Pero la ceguera y el aplastamiento no eran nada en comparación con el calor.

En escasos segundos el Universo pareció darse la vuelta y haber sido tragado por el Infierno. Sin dar tiempo a que el caballero reaccionara, la piel de su cara y de su cuello, que eran las únicas partes que no estaban envueltas en gruesos tejidos protectores, se sintieron zambullir en un río de lava, a pesar de que su castigado pavés todavía impedía que las llamas alcanzaran su cuerpo directamente. Sentir su piel ardiendo le hizo alejar el rostro, apretar los párpados, y liberar un alarido, amalgama de agonía y agallas. En el mismo momento que se extinguió su grito, su lengua y su garganta se llenaron de la misma lava candente, y poco después sus fosas nasales y sus ojos. Sentía abrasarse sus entrañas a cada bocanada de aire que estaba obligado a engullir para mantenerse con vida.
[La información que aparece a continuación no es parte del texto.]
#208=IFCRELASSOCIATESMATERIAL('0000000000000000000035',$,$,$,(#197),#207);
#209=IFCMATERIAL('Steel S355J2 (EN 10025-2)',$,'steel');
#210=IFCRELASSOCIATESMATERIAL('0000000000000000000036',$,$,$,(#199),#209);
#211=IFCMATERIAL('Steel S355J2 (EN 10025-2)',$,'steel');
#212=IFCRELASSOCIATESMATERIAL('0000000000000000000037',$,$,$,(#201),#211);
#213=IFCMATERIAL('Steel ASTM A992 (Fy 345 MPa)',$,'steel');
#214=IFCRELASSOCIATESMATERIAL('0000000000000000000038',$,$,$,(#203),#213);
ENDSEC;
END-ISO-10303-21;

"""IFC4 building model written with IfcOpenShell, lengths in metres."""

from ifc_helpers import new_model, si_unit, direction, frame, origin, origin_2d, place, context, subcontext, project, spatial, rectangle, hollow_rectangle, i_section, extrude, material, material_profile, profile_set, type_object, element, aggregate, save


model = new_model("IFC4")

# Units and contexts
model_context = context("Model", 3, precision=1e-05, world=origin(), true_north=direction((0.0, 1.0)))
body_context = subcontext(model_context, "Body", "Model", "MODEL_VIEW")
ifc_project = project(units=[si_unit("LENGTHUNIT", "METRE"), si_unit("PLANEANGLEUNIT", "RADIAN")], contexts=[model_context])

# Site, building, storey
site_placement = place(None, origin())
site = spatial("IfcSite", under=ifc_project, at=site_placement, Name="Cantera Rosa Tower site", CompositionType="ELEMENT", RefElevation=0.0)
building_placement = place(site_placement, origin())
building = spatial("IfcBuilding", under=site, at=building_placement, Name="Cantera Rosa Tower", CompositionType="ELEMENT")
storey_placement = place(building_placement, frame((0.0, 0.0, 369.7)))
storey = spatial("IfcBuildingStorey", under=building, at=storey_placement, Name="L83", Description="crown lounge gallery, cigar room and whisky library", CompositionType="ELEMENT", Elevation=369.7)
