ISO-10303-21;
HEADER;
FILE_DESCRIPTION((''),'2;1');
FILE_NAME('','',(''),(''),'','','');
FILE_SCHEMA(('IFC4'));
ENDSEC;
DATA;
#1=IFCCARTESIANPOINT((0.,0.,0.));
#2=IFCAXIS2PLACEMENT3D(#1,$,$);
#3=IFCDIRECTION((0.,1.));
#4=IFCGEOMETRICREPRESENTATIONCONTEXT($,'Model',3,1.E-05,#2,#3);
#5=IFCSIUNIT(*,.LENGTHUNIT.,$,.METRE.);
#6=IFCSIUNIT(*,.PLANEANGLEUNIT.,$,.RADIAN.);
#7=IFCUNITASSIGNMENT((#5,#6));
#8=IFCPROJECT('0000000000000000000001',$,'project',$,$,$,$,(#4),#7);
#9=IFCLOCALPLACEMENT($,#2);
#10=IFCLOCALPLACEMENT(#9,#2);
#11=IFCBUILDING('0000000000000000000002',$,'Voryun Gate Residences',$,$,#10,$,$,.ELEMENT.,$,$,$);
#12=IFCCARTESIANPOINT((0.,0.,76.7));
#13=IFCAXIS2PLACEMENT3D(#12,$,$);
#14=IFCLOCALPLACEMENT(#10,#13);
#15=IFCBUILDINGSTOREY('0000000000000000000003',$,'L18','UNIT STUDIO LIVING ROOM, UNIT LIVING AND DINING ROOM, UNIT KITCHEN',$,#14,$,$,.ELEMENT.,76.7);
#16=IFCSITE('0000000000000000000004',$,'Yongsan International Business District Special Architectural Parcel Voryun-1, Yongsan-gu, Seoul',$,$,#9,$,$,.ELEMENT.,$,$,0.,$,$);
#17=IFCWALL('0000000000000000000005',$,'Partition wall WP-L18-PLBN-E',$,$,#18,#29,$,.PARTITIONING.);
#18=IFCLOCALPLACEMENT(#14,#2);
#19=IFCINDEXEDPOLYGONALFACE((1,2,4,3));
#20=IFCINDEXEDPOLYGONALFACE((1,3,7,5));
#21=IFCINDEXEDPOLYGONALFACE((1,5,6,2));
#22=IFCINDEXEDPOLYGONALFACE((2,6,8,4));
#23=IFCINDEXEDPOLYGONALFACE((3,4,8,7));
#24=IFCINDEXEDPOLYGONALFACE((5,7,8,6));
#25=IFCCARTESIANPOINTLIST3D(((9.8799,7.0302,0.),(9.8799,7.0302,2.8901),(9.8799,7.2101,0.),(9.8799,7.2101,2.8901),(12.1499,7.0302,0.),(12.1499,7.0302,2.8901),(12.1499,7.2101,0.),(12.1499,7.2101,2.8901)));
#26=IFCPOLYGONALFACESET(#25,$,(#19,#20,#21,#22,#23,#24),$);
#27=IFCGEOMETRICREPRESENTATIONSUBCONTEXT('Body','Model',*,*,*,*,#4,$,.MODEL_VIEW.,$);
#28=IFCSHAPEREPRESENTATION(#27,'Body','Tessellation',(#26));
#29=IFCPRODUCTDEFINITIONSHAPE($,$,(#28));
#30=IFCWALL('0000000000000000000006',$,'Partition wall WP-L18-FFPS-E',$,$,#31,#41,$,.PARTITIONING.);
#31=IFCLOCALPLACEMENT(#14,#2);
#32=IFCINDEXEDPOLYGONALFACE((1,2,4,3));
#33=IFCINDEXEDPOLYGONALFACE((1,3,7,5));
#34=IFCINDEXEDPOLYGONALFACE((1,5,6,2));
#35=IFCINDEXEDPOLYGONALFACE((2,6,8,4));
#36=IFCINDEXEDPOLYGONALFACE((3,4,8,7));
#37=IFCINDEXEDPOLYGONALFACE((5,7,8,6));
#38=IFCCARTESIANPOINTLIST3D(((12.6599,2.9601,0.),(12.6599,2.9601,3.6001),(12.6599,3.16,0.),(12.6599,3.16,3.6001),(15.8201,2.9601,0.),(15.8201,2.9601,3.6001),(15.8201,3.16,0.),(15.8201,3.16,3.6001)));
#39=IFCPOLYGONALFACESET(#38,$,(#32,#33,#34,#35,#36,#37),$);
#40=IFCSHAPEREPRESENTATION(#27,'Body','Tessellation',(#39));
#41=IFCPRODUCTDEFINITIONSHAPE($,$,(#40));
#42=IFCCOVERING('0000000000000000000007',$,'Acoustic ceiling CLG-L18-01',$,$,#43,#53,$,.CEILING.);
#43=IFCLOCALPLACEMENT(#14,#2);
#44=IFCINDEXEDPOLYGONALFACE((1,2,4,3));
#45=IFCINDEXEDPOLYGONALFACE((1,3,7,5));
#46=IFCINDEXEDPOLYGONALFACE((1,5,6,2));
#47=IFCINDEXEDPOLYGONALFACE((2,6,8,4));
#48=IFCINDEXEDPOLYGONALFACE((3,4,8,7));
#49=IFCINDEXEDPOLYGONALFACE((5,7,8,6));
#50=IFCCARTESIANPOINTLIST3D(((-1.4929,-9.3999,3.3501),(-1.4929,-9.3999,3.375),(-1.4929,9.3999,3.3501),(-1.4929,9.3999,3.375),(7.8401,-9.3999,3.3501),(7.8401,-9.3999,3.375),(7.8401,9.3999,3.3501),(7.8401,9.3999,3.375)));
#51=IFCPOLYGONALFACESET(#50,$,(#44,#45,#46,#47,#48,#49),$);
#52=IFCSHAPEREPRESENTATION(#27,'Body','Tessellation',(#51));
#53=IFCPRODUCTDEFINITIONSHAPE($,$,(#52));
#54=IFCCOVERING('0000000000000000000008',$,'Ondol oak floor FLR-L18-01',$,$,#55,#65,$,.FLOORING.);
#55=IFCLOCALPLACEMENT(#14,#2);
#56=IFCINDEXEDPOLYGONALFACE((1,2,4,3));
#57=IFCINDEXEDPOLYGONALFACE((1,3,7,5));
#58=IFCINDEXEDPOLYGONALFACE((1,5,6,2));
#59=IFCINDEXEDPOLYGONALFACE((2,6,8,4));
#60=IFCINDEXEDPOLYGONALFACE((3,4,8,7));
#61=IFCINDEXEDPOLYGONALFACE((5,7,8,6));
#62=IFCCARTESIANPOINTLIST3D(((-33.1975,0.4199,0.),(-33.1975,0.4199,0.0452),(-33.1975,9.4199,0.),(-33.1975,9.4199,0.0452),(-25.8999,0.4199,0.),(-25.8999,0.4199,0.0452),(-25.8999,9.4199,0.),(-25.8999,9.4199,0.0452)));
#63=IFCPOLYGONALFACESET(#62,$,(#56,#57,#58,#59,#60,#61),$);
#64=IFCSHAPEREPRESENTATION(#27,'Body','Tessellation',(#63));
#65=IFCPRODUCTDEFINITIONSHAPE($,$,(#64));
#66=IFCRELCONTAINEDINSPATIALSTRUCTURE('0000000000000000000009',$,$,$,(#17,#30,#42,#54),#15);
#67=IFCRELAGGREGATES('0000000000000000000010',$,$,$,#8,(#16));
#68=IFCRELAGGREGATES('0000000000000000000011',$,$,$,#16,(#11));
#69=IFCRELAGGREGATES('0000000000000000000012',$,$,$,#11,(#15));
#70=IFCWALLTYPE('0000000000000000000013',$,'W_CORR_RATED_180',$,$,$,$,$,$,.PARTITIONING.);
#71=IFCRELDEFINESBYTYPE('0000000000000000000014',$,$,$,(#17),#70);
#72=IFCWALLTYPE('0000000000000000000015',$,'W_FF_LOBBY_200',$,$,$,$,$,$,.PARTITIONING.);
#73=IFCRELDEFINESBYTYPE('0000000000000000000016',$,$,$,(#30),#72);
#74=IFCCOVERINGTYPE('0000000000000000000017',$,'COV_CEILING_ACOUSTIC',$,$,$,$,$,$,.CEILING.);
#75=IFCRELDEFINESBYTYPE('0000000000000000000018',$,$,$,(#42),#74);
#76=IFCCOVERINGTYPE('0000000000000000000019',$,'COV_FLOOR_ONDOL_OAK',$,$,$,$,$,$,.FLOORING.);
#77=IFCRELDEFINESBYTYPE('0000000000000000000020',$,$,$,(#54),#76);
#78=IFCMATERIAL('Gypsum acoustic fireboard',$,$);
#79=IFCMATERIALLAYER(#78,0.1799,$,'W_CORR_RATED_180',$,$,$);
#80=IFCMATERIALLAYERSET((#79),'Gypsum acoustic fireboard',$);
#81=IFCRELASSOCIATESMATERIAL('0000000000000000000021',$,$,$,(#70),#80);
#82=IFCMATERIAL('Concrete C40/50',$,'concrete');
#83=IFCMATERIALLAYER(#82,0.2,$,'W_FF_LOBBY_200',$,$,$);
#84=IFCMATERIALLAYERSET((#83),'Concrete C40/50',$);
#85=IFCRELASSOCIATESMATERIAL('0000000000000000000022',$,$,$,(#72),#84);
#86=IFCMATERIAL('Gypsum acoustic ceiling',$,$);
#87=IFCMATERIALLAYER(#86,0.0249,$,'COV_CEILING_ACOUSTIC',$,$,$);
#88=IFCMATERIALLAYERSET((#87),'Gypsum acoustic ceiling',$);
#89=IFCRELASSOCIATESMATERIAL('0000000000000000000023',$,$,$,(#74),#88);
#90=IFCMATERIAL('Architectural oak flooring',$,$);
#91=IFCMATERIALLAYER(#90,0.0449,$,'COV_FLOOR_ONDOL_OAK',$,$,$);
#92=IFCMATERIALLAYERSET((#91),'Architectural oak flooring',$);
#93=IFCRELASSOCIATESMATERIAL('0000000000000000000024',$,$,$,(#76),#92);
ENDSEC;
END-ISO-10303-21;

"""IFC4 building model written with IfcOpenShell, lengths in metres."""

from ifc_helpers import new_model, si_unit, direction, frame, frame_2d, origin, place, context, subcontext, project, spatial, polyline, rectangle, outline, extrude, material, layer, layer_set, type_object, element, save


model = new_model("IFC4")

# Units and contexts
model_context = context("Model", 3, precision=1e-05, world=origin(), true_north=direction((0.0, 1.0)))
body_context = subcontext(model_context, "Body", "Model", "MODEL_VIEW")
ifc_project = project(units=[si_unit("LENGTHUNIT", "METRE"), si_unit("PLANEANGLEUNIT", "RADIAN")], contexts=[model_context])

# Site, building, storey
site_placement = place(None, origin())
site = spatial("IfcSite", under=ifc_project, at=site_placement, Name="Yongsan International Business District Special Architectural Parcel Voryun-1, Yongsan-gu, Seoul", CompositionType="ELEMENT", RefElevation=0.0)
building_placement = place(site_placement, origin())
building = spatial("IfcBuilding", under=site, at=building_placement, Name="Voryun Gate Residences", CompositionType="ELEMENT")
storey_placement = place(building_placement, frame((0.0, 0.0, 76.7)))
storey = spatial("IfcBuildingStorey", under=building, at=storey_placement, Name="L18", Description="UNIT STUDIO LIVING ROOM, UNIT LIVING AND DINING ROOM, UNIT KITCHEN", CompositionType="ELEMENT", Elevation=76.7)

# Walls
ifc_material_1 = material(Name="Gypsum acoustic fireboard")
ifc_layer_1 = layer(ifc_material_1, 0.1799, Name="W_CORR_RATED_180")
ifc_layer_set_1 = layer_set([ifc_layer_1], Name="Gypsum acoustic fireboard")
wall_type_1 = type_object("IfcWallType", Name="W_CORR_RATED_180", PredefinedType="PARTITIONING", material=ifc_layer_set_1)
wall_1_placement = place(storey_placement, frame((9.8799, 7.1201, 0.0), z_axis=(0.0, 0.0, 1.0), x_axis=(1.0, 0.0, 0.0)))
element("IfcWall", 1, at=wall_1_placement, inside=storey, type_object=wall_type_1, Name="Partition wall WP-L18-PLBN-E", PredefinedType="PARTITIONING", context=body_context, shape_type="SweptSolid", body=[
    extrude(rectangle(XDim=2.27, YDim=0.1799, at=frame_2d((1.135, 0.0))), origin(), (0.0, 0.0, 1.0), 2.8901),
])
ifc_material_2 = material(Name="Concrete C40/50", Category="concrete")
ifc_layer_2 = layer(ifc_material_2, 0.2, Name="W_FF_LOBBY_200")
ifc_layer_set_2 = layer_set([ifc_layer_2], Name="Concrete C40/50")
wall_type_2 = type_object("IfcWallType", Name="W_FF_LOBBY_200", PredefinedType="PARTITIONING", material=ifc_layer_set_2)
wall_2_placement = place(storey_placement, frame((12.6599, 3.0601, 0.0), z_axis=(0.0, 0.0, 1.0), x_axis=(1.0, 0.0, 0.0)))
element("IfcWall", 2, at=wall_2_placement, inside=storey, type_object=wall_type_2, Name="Partition wall WP-L18-FFPS-E", PredefinedType="PARTITIONING", context=body_context, shape_type="SweptSolid", body=[
    extrude(rectangle(XDim=3.1602, YDim=0.2, at=frame_2d((1.5801, 0.0))), origin(), (0.0, 0.0, 1.0), 3.6001),
])

# Coverings
ifc_material_3 = material(Name="Gypsum acoustic ceiling")
ifc_layer_3 = layer(ifc_material_3, 0.0249, Name="COV_CEILING_ACOUSTIC")
ifc_layer_set_3 = layer_set([ifc_layer_3], Name="Gypsum acoustic ceiling")
covering_type_1 = type_object("IfcCoveringType", Name="COV_CEILING_ACOUSTIC", PredefinedType="CEILING", material=ifc_layer_set_3)
covering_1_placement = place(storey_placement, frame((0.0, 0.0, 3.3501)))
element("IfcCovering", 3, at=covering_1_placement, inside=storey, type_object=covering_type_1, Name="Acoustic ceiling CLG-L18-01", PredefinedType="CEILING", context=body_context, shape_type="SweptSolid", body=[
    extrude(outline(polyline([(-1.4929, 9.3999), (7.8401, 9.3999), (7.8401, -9.3999), (-1.4929, -9.3999), (-1.4929, 9.3999)])), origin(), (0.0, 0.0, 1.0), 0.0249),
])
ifc_material_4 = material(Name="Architectural oak flooring")
ifc_layer_4 = layer(ifc_material_4, 0.0449, Name="COV_FLOOR_ONDOL_OAK")
ifc_layer_set_4 = layer_set([ifc_layer_4], Name="Architectural oak flooring")
covering_type_2 = type_object("IfcCoveringType", Name="COV_FLOOR_ONDOL_OAK", PredefinedType="FLOORING", material=ifc_layer_set_4)
covering_2_placement = place(storey_placement, origin())
element("IfcCovering", 4, at=covering_2_placement, inside=storey, type_object=covering_type_2, Name="Ondol oak floor FLR-L18-01", PredefinedType="FLOORING", context=body_context, shape_type="SweptSolid", body=[
    extrude(outline(polyline([(-25.8999, 9.4199), (-25.8999, 0.4199), (-33.1975, 0.4199), (-33.1975, 9.4199), (-25.8999, 9.4199)])), origin(), (0.0, 0.0, 1.0), 0.0452),
])

save(model, "model.ifc")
Sabía que le separaban escasos segundos de morir asfixiado. Y no era sólo eso. A pesar del poco tiempo transcurrido, su escudo había alcanzado tal temperatura que empezaba a abrasar las partes de su cuerpo que lo sostenían. El dolor era mayor de lo que un ser humano estaba preparado para soportar, e iba en aumento. Todos sus instintos de supervivencia le chillaban que dejara caer ese escudo, por lo que más quisiera. Un brazo entero, la palma de la otra mano, y una rodilla, se cubrieron de ampollas que reventaron en escasos segundos. Debajo de todo ese dolor inhumano, el caballero podía sentir cómo su piel se disolvía y resbalaba como cera caliente debajo de las piezas de armadura y del cuero protector. Si la asfixia no le mataba pronto, se desmayaría a causa del dolor, lo que en esa situación equivaldría a morir. No disponía de tiempo para pensar ni su mente era capaz de hacerlo. Pero desde algún recóndito lugar de su espíritu le asaltó la idea de que si iba a morir, se aseguraría de que la muerte lo reclamara cabalgando hacia adelante y blandiendo su espada.
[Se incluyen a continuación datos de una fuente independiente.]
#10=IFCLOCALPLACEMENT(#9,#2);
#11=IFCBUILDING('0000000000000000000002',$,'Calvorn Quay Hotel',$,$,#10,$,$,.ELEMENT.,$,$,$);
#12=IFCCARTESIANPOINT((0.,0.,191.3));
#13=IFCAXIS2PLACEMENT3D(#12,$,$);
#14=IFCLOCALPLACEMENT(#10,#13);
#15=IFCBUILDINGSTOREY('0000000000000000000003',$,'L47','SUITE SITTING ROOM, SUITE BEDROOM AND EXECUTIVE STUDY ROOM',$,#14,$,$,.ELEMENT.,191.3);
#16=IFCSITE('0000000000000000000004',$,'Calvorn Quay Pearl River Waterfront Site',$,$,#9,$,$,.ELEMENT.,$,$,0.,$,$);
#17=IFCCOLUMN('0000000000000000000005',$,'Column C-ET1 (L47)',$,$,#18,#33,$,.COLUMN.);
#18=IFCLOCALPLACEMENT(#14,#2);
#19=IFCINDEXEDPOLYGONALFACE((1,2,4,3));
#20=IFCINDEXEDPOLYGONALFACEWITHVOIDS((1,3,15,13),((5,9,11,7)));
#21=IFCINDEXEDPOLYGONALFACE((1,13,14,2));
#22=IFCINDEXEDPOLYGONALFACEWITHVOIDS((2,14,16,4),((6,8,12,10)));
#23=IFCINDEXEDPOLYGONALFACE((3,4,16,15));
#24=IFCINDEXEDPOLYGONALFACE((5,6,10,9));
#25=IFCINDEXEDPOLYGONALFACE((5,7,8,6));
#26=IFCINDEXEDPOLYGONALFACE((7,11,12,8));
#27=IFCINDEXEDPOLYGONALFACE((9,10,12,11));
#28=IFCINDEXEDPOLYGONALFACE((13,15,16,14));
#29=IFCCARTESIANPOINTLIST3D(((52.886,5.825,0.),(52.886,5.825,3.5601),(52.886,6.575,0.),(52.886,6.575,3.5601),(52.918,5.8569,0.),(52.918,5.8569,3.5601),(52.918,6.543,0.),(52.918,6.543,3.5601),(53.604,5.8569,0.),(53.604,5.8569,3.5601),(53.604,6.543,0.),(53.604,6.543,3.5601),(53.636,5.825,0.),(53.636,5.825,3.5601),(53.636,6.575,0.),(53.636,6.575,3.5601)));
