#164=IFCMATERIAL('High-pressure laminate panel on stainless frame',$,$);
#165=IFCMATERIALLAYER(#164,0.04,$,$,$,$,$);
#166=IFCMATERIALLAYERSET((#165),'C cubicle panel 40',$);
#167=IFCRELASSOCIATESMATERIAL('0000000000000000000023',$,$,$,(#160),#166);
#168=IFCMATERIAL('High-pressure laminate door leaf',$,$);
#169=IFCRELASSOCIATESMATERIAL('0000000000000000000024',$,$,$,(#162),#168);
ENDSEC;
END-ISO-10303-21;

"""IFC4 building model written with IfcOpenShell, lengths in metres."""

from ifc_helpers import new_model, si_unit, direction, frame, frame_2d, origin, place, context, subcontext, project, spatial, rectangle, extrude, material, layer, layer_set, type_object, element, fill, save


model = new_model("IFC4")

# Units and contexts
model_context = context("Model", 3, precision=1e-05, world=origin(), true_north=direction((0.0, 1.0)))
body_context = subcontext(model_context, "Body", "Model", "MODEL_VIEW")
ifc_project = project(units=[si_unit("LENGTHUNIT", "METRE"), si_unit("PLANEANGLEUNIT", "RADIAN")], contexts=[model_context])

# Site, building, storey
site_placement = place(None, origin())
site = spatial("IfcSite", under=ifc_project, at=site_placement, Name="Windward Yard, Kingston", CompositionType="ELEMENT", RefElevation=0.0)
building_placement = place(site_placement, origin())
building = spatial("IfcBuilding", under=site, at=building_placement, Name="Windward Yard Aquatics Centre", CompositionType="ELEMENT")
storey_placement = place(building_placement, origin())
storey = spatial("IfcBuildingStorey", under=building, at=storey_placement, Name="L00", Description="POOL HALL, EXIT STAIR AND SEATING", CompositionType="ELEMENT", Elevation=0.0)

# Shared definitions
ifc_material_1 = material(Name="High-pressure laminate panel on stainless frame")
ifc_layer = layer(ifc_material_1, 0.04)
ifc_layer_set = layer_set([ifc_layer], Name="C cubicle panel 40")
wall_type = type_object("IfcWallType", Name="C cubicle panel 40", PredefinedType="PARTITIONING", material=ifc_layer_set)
El caballero ya había empezado su tranquila marcha por el pasillo que pasa de este mundo al siguiente. Una luz le reclamaba al final de éste, pero sus ojos en el plano mortal no eran capaces de ver nada, ni siquiera sabía si los tenía abiertos o cerrados. Ni siquiera estaba seguro de que la batalla se siguiera desencadenando en el plano terrenal, pues le embargó la sensación de estar flotando en vez de apoyado en el suelo. El dragón, las llamas, y él mismo eran tres elementos girando en el vacío luminoso de un Universo desconocido sin leyes cardinales, condenados a atraerse por toda la eternidad por la regla los opuestos. El dolor también había mutado. Lo percibía de otra manera, como un eco espiritual de su dolor físico, como si sintiera el dolor de otra persona, solo que la otra persona era él mismo. Debía darse prisa, su andar por la pasarela del otro mundo le había llevado ya a mitad de camino. Si quería cruzar sus puertas con la cabeza alta y su espíritu en paz, tenía que actuar ahora.
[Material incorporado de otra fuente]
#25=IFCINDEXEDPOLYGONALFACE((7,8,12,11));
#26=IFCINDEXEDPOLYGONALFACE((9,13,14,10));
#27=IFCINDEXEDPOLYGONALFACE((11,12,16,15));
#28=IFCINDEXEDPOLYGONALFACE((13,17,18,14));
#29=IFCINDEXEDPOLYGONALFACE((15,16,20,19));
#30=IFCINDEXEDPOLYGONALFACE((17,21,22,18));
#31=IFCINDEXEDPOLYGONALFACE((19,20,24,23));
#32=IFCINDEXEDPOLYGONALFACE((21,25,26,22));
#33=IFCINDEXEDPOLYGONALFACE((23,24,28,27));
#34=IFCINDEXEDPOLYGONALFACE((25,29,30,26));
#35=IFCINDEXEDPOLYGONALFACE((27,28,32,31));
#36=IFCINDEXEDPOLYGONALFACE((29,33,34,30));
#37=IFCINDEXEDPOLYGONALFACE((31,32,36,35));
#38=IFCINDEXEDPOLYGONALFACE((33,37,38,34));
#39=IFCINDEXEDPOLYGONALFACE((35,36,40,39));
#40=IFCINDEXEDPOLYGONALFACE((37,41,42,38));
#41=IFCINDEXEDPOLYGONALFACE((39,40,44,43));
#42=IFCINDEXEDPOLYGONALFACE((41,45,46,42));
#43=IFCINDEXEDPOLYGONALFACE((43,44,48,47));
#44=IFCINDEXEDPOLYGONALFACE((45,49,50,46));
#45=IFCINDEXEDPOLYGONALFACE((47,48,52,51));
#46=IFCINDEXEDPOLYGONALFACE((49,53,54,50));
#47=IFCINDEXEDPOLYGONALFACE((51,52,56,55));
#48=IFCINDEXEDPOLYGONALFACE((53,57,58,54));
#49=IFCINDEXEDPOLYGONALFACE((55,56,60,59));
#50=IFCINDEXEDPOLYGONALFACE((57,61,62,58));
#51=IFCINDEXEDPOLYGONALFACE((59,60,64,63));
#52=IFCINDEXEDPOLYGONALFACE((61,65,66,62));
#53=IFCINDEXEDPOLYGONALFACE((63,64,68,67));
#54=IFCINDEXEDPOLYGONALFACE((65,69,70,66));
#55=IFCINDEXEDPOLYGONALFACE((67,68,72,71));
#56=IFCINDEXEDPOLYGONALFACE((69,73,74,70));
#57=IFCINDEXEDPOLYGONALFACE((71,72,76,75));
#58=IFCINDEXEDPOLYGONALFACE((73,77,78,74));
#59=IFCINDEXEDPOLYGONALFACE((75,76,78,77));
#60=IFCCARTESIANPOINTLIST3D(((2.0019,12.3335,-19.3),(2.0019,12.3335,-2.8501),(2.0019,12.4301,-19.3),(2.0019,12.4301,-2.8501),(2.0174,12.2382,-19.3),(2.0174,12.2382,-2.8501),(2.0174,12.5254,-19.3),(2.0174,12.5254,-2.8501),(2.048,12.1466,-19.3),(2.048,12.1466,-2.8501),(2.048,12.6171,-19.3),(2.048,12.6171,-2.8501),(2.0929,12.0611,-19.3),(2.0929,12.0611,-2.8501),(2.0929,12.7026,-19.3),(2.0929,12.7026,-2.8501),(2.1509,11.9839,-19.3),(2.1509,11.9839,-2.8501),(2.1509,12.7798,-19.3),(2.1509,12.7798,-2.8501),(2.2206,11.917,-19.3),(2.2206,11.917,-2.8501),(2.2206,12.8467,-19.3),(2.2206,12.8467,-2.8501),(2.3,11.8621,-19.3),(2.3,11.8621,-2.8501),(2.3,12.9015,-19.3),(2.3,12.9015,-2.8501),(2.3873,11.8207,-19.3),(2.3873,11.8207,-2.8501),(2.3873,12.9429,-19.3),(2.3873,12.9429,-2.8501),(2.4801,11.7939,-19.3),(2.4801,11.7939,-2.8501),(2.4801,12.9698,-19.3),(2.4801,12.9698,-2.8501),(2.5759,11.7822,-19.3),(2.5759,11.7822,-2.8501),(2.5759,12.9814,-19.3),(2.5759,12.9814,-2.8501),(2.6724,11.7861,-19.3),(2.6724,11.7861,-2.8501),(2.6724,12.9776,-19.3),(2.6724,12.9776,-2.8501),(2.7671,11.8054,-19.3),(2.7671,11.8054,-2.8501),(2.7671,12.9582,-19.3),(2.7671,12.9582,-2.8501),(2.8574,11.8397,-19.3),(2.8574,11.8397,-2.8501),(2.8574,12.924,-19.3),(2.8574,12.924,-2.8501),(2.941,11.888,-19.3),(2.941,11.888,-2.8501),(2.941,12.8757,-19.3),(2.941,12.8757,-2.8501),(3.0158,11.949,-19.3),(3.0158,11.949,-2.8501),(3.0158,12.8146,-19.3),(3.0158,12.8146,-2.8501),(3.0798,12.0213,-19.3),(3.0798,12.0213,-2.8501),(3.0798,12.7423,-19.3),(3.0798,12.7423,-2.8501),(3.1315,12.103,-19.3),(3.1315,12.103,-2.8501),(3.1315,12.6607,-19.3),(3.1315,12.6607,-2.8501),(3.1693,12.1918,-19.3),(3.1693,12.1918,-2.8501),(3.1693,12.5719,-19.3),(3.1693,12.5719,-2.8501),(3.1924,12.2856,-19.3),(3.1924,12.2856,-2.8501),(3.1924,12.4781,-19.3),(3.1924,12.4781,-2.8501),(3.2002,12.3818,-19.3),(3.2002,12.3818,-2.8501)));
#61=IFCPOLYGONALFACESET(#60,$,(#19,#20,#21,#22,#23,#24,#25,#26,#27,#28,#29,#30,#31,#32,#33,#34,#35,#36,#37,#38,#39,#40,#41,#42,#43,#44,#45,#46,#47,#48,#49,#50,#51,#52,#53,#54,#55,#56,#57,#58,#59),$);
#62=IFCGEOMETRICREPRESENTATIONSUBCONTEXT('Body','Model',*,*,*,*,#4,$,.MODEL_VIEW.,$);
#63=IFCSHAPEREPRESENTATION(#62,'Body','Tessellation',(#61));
Arrojó su escudo a un lado y su cuerpo al otro sin saber muy bien qué iba a hacer a continuación. Las llamas le lamieron fugazmente antes de poder salirse de su curso. No pensaba. Percibía imágenes y sensaciones confusas. Se lanzó hacia el cuerpo erguido del dragón sin saber realmente si era su propia voluntad la que le empujaba. En su total enajenación ni siquiera se acordó de usar su espada. Tan sólo cargó contra el monstruo con su cuerpo, como si sus músculos de conejito fueran suficientes para tumbar esa robusta torre de maldad. El choque contra el pecho del dragón fue como dar contra un árbol, pero, por alguna razón, el monstruo cesó de vomitar fuego, y retrocedió como herido ante el impacto. El caballero, sorprendido por esta inesperada efectividad, continuó durante unos segundos tratando de tumbar a la criatura, antes de darse cuenta de qué era lo que realmente estaba ocurriendo. La única razón por la que sus esfuerzos parecían surtir algún efecto era porque, en medio de sus inútiles forcejeos, de vez en cuando tocaba con su cadera la lanza rota que sobresalía del pecho del dragón con la que momentos antes había intentado ensartar el corazón de la bestia. Sin perder un segundo, cogió espacio y propinó una dura patada a la lanza que hizo que se hundiera esta vez por completo. El bramido del dragón sacudió la caverna de nuevo, y al instante después, el caballero se encontraba de nuevo contra una pared, lejos de la bestia, con la mirada empañada y respirando con dificultad.